Before explosives, some stone materials were virtually IMPOSSIBLE to cut through by hand (for this read so difficult that it was not worth bothering). Therefore most mining was through softer rocks. The rock stone-henge is made out of (sarcen) is SO hard that the only way to dress it was to get a head-sized lump of sarcen in an A frame and just spend all day banging it against the big stone (for MONTHS if not years).

I can't see that this is possible for adventurers.

I think that there are many occasions, no matter what WoTC would like, where the DM has to adjudicate and overule the rule set where players are trying to take it into places where it breaks down.

So only let "mining" happen if you want it in your game; it is NOT realistic, but hey, this is gaming!
 

Family said:
That's funny because I was once a member of a party that colapsed a wizards tower...the whole thing...less loot and experience, but the memory was worth it.

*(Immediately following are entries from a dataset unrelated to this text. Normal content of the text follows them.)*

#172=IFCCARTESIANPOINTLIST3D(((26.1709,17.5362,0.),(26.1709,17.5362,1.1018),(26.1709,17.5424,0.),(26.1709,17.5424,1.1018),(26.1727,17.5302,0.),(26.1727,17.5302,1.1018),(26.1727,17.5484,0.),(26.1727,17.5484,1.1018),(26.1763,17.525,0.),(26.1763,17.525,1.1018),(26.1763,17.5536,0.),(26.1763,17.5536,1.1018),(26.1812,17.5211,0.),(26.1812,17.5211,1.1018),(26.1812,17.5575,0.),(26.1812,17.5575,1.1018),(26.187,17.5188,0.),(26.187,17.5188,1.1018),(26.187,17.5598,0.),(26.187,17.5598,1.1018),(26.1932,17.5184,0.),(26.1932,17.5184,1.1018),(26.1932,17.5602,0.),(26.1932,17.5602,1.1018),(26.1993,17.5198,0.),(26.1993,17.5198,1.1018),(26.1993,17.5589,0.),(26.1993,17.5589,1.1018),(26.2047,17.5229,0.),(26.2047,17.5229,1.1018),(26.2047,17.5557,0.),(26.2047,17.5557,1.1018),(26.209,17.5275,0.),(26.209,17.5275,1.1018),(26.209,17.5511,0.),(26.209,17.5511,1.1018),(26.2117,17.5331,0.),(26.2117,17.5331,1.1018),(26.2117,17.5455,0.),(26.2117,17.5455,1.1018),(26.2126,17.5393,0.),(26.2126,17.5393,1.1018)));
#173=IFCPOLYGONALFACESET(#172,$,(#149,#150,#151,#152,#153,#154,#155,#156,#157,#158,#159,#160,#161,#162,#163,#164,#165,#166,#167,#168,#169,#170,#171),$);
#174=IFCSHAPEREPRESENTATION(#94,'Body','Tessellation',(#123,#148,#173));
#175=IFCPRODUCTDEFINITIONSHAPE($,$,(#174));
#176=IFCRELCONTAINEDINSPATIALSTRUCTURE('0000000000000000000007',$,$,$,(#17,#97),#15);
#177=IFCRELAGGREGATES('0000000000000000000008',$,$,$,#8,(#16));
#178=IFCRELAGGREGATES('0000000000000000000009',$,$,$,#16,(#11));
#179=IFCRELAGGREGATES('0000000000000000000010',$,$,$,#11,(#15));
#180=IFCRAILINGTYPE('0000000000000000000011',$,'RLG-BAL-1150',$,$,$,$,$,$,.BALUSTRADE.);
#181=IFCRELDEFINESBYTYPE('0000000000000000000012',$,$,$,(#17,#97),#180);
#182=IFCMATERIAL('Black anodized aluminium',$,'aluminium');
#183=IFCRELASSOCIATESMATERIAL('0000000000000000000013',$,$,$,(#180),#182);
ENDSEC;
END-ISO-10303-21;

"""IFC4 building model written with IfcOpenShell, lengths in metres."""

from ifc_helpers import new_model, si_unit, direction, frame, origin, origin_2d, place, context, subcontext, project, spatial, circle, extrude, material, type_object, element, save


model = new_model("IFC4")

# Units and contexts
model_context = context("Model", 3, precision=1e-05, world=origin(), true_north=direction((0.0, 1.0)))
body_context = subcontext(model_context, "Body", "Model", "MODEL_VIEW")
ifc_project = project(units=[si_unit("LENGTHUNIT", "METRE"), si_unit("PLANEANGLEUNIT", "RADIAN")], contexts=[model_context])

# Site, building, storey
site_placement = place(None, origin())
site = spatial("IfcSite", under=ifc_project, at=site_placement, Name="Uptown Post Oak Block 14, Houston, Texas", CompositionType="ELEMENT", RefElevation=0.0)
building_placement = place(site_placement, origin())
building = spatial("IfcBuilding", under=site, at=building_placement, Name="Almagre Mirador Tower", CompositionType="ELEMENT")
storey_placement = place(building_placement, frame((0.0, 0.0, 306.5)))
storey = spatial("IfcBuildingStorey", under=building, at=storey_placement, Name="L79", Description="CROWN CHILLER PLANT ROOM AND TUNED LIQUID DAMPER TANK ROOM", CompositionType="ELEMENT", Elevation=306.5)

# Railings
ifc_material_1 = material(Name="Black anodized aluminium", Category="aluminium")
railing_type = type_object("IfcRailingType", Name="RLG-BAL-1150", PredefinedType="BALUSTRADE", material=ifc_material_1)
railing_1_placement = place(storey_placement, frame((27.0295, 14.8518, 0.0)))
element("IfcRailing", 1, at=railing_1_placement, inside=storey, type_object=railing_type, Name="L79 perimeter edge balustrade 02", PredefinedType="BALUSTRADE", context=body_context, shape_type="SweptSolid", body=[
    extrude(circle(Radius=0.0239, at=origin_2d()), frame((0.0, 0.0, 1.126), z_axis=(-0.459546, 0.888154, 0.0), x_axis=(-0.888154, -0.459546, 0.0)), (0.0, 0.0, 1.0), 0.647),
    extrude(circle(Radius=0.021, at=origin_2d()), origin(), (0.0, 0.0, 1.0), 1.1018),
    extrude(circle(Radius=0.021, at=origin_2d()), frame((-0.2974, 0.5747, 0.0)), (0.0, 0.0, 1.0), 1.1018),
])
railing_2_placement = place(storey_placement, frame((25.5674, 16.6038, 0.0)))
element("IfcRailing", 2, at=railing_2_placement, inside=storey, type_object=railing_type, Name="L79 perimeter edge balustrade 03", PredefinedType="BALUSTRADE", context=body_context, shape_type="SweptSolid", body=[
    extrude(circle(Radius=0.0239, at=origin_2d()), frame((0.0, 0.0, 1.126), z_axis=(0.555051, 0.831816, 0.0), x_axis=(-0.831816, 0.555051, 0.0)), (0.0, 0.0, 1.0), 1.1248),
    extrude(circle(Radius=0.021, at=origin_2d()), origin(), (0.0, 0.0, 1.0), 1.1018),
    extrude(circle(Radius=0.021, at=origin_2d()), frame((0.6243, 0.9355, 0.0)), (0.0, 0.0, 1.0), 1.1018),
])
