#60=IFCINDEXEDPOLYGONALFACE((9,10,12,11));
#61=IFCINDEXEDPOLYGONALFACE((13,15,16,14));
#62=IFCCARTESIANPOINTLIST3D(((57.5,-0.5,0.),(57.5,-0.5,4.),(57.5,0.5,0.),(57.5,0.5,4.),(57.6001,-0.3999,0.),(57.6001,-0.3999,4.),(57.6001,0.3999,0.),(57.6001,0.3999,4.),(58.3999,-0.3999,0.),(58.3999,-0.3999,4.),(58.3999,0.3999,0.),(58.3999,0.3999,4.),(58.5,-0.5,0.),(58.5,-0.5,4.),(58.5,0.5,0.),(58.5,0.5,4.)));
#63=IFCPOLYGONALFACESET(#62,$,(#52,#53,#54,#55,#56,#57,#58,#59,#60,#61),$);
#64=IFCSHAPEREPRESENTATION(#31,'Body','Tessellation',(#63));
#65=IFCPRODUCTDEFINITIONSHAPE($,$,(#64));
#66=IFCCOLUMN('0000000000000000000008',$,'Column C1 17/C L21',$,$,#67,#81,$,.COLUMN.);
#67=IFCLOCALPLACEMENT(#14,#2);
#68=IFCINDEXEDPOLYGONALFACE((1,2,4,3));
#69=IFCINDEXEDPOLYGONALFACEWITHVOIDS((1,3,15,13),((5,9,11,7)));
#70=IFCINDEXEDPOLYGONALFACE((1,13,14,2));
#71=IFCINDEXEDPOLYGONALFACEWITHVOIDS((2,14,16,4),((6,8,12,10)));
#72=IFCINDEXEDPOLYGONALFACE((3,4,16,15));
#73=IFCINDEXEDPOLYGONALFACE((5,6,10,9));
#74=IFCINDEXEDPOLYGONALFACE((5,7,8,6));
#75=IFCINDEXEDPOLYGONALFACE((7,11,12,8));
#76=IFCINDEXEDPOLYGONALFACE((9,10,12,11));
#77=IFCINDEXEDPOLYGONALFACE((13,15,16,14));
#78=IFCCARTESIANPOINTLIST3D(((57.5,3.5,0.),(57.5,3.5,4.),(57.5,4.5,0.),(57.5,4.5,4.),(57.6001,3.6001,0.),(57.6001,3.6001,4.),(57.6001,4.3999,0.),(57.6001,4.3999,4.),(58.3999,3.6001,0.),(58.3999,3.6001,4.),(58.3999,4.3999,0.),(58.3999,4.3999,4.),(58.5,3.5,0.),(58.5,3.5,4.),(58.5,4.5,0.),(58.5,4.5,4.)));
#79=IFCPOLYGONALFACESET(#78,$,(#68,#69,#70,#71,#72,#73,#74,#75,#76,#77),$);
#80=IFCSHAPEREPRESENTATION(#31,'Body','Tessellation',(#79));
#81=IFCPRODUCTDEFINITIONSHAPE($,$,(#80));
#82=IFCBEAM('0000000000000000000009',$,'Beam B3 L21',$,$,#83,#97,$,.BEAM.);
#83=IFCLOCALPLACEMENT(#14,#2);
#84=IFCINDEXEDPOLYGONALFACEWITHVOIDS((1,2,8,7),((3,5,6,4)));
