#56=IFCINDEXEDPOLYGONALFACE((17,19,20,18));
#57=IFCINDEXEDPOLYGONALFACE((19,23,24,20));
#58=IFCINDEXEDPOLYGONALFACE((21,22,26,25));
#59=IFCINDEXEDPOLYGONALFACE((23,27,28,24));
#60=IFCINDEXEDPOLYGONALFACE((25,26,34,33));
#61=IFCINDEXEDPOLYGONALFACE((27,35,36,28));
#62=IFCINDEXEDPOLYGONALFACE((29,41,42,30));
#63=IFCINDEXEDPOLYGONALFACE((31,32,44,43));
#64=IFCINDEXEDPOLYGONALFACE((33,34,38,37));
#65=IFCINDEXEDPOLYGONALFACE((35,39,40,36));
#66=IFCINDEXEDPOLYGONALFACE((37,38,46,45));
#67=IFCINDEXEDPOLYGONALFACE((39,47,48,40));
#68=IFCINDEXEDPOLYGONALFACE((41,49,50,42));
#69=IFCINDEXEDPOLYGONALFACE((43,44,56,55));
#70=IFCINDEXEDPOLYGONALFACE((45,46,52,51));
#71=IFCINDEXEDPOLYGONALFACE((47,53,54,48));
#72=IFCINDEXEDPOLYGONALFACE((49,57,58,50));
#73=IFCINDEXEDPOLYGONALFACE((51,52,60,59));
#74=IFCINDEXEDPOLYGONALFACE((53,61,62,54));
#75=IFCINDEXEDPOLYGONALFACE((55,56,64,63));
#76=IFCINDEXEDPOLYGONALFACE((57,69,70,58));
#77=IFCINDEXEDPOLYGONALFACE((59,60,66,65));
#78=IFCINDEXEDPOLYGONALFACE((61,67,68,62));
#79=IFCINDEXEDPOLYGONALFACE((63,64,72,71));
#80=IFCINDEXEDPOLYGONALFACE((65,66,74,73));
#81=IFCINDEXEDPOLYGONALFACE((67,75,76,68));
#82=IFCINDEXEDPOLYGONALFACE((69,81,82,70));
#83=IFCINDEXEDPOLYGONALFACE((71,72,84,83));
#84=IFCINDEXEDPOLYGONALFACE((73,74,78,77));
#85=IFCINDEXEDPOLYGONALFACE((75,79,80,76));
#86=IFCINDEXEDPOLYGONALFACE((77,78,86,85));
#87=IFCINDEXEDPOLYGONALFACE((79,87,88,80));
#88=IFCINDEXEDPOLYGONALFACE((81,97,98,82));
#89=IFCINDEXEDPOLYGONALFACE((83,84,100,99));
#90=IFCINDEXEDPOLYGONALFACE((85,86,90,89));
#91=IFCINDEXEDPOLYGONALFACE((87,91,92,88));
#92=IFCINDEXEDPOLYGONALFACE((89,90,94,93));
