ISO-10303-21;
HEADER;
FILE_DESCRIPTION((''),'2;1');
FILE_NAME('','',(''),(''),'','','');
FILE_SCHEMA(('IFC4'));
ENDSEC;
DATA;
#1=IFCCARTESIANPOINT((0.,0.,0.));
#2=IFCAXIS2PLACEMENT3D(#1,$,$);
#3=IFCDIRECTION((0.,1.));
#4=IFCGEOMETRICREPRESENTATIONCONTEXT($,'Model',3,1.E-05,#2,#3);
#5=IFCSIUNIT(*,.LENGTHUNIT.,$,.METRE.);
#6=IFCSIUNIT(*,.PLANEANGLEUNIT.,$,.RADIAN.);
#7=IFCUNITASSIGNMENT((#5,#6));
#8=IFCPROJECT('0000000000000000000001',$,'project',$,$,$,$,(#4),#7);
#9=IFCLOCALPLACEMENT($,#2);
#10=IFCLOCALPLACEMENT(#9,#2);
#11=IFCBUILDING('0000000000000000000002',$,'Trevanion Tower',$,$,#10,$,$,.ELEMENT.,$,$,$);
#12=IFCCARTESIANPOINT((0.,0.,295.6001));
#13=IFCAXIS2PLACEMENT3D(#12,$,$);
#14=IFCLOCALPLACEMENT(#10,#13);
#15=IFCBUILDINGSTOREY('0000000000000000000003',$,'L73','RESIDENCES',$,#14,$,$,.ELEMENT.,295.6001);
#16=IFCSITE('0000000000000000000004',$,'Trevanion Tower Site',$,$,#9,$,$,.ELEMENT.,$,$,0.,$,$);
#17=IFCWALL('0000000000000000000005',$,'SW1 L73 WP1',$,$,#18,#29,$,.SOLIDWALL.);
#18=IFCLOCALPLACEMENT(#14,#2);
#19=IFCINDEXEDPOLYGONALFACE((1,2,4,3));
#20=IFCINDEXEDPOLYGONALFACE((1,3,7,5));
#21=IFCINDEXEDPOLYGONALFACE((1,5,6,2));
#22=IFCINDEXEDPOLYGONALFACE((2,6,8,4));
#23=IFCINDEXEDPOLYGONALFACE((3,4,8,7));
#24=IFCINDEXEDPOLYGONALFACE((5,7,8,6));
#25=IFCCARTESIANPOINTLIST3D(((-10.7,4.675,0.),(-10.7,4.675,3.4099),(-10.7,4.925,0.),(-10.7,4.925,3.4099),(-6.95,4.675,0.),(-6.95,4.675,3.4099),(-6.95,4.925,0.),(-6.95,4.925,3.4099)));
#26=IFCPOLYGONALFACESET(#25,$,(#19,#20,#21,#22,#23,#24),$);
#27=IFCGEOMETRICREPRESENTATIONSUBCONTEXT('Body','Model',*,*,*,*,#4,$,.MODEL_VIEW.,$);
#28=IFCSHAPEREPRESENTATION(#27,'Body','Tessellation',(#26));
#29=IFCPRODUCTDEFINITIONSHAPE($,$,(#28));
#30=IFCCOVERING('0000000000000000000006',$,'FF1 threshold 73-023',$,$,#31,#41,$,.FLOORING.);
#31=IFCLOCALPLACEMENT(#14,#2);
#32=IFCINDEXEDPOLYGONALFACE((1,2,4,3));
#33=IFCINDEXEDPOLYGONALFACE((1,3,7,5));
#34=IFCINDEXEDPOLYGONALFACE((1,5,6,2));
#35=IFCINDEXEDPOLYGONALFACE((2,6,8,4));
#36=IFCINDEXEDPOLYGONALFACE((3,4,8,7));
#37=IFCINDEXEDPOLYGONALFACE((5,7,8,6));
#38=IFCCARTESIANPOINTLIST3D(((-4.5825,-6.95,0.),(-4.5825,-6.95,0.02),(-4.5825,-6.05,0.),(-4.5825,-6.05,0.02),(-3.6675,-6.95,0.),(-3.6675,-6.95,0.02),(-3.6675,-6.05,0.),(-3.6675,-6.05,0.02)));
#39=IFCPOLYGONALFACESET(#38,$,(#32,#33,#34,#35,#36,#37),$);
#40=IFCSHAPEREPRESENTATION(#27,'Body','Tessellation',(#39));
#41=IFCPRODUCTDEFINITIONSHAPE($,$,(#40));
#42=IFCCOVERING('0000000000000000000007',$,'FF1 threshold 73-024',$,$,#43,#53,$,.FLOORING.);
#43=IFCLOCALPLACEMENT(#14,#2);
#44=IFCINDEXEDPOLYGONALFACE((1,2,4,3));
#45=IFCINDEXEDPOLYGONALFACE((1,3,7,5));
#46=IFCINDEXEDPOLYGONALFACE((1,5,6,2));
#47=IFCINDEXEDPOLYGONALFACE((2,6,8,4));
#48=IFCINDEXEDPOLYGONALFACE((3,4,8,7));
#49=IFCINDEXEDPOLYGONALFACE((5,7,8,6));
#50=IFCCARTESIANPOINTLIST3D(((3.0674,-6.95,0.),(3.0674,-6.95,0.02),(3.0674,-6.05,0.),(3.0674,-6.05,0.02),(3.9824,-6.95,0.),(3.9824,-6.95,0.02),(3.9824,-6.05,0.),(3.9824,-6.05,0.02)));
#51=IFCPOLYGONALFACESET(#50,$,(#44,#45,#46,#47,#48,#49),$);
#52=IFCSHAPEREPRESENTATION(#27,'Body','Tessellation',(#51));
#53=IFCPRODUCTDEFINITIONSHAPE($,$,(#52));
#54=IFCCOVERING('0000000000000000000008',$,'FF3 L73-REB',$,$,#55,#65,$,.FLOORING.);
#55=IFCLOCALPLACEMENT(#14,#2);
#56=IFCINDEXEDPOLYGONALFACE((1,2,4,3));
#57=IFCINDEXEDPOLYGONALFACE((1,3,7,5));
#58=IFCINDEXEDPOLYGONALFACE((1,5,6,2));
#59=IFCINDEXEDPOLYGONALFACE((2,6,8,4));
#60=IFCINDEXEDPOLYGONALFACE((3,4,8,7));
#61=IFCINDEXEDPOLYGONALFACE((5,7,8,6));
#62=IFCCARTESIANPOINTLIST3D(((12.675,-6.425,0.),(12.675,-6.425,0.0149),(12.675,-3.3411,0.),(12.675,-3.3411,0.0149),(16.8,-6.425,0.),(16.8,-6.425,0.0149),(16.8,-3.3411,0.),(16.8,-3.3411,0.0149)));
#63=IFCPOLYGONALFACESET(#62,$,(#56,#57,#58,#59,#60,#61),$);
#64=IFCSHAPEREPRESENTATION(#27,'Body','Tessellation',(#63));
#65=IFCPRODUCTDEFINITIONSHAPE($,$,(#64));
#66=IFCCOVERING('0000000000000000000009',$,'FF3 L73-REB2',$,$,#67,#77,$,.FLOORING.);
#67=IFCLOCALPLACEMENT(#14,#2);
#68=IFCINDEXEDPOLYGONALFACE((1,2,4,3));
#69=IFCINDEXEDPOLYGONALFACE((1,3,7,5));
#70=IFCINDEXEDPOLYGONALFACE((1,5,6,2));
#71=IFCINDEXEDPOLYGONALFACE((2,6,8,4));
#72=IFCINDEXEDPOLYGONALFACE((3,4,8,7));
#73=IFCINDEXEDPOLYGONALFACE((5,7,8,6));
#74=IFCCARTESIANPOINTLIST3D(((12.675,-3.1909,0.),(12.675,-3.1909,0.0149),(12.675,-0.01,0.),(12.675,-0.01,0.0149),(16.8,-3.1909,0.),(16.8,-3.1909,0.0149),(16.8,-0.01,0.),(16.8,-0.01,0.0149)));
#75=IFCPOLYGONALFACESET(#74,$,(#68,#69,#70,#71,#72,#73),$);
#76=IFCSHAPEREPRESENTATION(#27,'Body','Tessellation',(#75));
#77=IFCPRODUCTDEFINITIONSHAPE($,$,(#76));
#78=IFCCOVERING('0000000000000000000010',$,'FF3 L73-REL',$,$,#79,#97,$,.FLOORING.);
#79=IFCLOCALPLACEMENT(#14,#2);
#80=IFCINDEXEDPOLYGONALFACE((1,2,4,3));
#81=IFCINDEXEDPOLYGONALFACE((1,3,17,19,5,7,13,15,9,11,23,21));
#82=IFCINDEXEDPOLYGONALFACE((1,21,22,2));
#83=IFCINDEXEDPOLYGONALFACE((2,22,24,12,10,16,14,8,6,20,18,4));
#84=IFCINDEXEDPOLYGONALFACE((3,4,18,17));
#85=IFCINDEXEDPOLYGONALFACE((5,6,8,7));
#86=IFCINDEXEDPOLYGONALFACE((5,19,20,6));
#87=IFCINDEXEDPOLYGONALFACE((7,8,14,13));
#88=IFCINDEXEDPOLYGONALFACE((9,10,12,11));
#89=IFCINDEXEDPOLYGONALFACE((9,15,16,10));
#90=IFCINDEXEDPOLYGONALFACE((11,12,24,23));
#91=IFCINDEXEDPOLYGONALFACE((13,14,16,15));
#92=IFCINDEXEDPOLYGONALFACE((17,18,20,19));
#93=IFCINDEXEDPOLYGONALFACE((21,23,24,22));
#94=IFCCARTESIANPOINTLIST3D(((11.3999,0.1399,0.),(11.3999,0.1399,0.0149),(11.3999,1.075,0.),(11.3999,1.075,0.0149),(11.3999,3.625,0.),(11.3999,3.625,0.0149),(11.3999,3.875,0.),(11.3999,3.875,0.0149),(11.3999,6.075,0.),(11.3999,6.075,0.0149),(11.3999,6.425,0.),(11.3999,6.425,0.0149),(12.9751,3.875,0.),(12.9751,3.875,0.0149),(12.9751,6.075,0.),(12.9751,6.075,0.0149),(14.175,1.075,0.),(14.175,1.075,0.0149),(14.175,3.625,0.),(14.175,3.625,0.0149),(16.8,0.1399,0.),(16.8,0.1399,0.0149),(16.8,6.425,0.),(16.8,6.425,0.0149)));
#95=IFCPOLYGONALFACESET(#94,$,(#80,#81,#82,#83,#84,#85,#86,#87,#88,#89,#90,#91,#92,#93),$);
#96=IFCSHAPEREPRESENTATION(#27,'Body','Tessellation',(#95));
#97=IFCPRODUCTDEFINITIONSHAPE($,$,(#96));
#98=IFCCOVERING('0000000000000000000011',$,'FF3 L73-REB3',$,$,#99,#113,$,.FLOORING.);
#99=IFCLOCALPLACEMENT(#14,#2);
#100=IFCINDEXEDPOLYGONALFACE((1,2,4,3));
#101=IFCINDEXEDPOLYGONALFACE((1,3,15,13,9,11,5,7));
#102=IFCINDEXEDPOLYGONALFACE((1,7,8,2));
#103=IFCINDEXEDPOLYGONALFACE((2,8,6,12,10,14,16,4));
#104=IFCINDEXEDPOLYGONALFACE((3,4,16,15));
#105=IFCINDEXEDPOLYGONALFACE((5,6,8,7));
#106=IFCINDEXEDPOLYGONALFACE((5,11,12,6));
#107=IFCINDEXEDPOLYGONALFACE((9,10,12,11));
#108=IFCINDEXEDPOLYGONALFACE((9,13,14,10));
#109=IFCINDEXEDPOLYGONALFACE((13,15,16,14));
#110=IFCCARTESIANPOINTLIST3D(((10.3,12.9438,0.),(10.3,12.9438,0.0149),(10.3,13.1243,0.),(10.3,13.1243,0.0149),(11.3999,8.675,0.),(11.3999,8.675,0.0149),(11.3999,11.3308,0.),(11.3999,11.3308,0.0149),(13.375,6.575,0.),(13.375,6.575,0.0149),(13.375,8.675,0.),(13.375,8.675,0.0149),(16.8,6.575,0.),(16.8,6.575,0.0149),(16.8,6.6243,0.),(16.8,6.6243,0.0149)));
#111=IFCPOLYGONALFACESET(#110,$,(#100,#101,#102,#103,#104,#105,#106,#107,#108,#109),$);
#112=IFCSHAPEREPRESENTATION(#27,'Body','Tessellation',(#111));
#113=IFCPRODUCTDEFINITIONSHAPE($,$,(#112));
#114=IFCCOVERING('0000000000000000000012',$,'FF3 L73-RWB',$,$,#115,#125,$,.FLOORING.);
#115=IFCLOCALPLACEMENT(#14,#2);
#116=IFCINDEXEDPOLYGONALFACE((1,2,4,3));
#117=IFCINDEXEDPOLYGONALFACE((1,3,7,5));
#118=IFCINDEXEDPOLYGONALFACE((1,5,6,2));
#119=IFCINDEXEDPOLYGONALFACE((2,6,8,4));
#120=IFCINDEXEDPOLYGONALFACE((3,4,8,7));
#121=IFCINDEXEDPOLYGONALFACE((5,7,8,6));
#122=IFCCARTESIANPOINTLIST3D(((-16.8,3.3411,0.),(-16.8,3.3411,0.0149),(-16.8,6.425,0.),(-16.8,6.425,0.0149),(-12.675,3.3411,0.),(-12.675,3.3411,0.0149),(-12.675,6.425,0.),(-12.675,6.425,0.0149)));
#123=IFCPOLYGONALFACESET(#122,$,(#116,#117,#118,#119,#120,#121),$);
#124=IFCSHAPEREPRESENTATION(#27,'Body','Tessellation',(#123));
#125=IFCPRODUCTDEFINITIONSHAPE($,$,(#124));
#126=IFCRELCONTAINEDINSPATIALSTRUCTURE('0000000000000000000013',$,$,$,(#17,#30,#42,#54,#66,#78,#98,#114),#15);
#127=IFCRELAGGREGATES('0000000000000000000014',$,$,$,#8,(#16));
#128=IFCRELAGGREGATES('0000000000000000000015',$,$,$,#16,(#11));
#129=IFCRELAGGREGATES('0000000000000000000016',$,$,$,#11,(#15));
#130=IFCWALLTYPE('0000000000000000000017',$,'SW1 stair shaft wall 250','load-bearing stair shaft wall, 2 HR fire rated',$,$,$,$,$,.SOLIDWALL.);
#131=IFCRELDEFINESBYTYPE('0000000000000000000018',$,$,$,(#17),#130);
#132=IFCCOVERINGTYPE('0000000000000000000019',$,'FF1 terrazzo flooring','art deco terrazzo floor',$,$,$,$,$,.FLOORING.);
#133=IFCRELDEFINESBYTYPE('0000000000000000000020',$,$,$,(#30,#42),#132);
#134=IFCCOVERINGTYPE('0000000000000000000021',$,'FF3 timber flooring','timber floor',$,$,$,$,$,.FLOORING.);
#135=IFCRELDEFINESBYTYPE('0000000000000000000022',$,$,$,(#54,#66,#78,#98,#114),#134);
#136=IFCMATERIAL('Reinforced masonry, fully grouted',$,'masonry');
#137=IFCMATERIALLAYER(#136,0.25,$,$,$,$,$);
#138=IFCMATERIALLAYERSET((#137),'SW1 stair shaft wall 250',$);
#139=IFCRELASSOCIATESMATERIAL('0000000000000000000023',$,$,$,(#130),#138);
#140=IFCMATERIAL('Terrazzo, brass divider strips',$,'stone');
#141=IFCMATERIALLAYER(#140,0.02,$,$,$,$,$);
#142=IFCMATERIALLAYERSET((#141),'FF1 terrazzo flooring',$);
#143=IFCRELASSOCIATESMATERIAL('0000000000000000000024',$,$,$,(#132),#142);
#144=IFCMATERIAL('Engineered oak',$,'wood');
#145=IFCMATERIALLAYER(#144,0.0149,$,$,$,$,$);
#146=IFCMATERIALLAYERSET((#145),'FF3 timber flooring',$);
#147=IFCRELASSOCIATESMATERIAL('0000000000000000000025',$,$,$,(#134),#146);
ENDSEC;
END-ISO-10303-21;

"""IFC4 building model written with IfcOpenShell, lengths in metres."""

from ifc_helpers import new_model, si_unit, direction, frame, frame_2d, origin, place, context, subcontext, project, spatial, polyline, rectangle, outline, extrude, material, layer, layer_set, type_object, element, save


model = new_model("IFC4")

# Units and contexts
model_context = context("Model", 3, precision=1e-05, world=origin(), true_north=direction((0.0, 1.0)))
body_context = subcontext(model_context, "Body", "Model", "MODEL_VIEW")
ifc_project = project(units=[si_unit("LENGTHUNIT", "METRE"), si_unit("PLANEANGLEUNIT", "RADIAN")], contexts=[model_context])

# Site, building, storey
site_placement = place(None, origin())
site = spatial("IfcSite", under=ifc_project, at=site_placement, Name="Trevanion Tower Site", CompositionType="ELEMENT", RefElevation=0.0)
building_placement = place(site_placement, origin())
building = spatial("IfcBuilding", under=site, at=building_placement, Name="Trevanion Tower", CompositionType="ELEMENT")
storey_placement = place(building_placement, frame((0.0, 0.0, 295.6001)))
storey = spatial("IfcBuildingStorey", under=building, at=storey_placement, Name="L73", Description="RESIDENCES", CompositionType="ELEMENT", Elevation=295.6001)

# Wall
ifc_material_1 = material(Name="Reinforced masonry, fully grouted", Category="masonry")
ifc_layer_1 = layer(ifc_material_1, 0.25)
ifc_layer_set_1 = layer_set([ifc_layer_1], Name="SW1 stair shaft wall 250")
wall_type_1 = type_object("IfcWallType", Name="SW1 stair shaft wall 250", Description="load-bearing stair shaft wall, 2 HR fire rated", PredefinedType="SOLIDWALL", material=ifc_layer_set_1)
wall_1_placement = place(storey_placement, frame((-6.95, 4.8, 0.0), z_axis=(0.0, 0.0, 1.0), x_axis=(-1.0, 0.0, 0.0)))
element("IfcWall", 1, at=wall_1_placement, inside=storey, type_object=wall_type_1, Name="SW1 L73 WP1", PredefinedType="SOLIDWALL", context=body_context, shape_type="SweptSolid", body=[
    extrude(rectangle(XDim=3.75, YDim=0.25, at=frame_2d((1.875, 0.0))), origin(), (0.0, 0.0, 1.0), 3.4099),
])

(DM just used the same floor plan and other prep (inverted) as our next dungeon, but boy was he gobsmacked by our plan).

Pick of Earth Parting in 2E.

<3
 

Well, it took me about three hours to bust up and cart away a two-brick thick shell about 3' x 6' x 2'. It was pretty fun, actually. Now, the brick does crush more than stone, but I figure that someone in better shape and with a magical implement could do a pretty good job on a foot thick stone wall.

That said, I certainly wouldn't allow any serious mining to occur in a dungeon without attacking a lot of monster attention. It takes a lot of time, particularly without modern tools. Or, magic.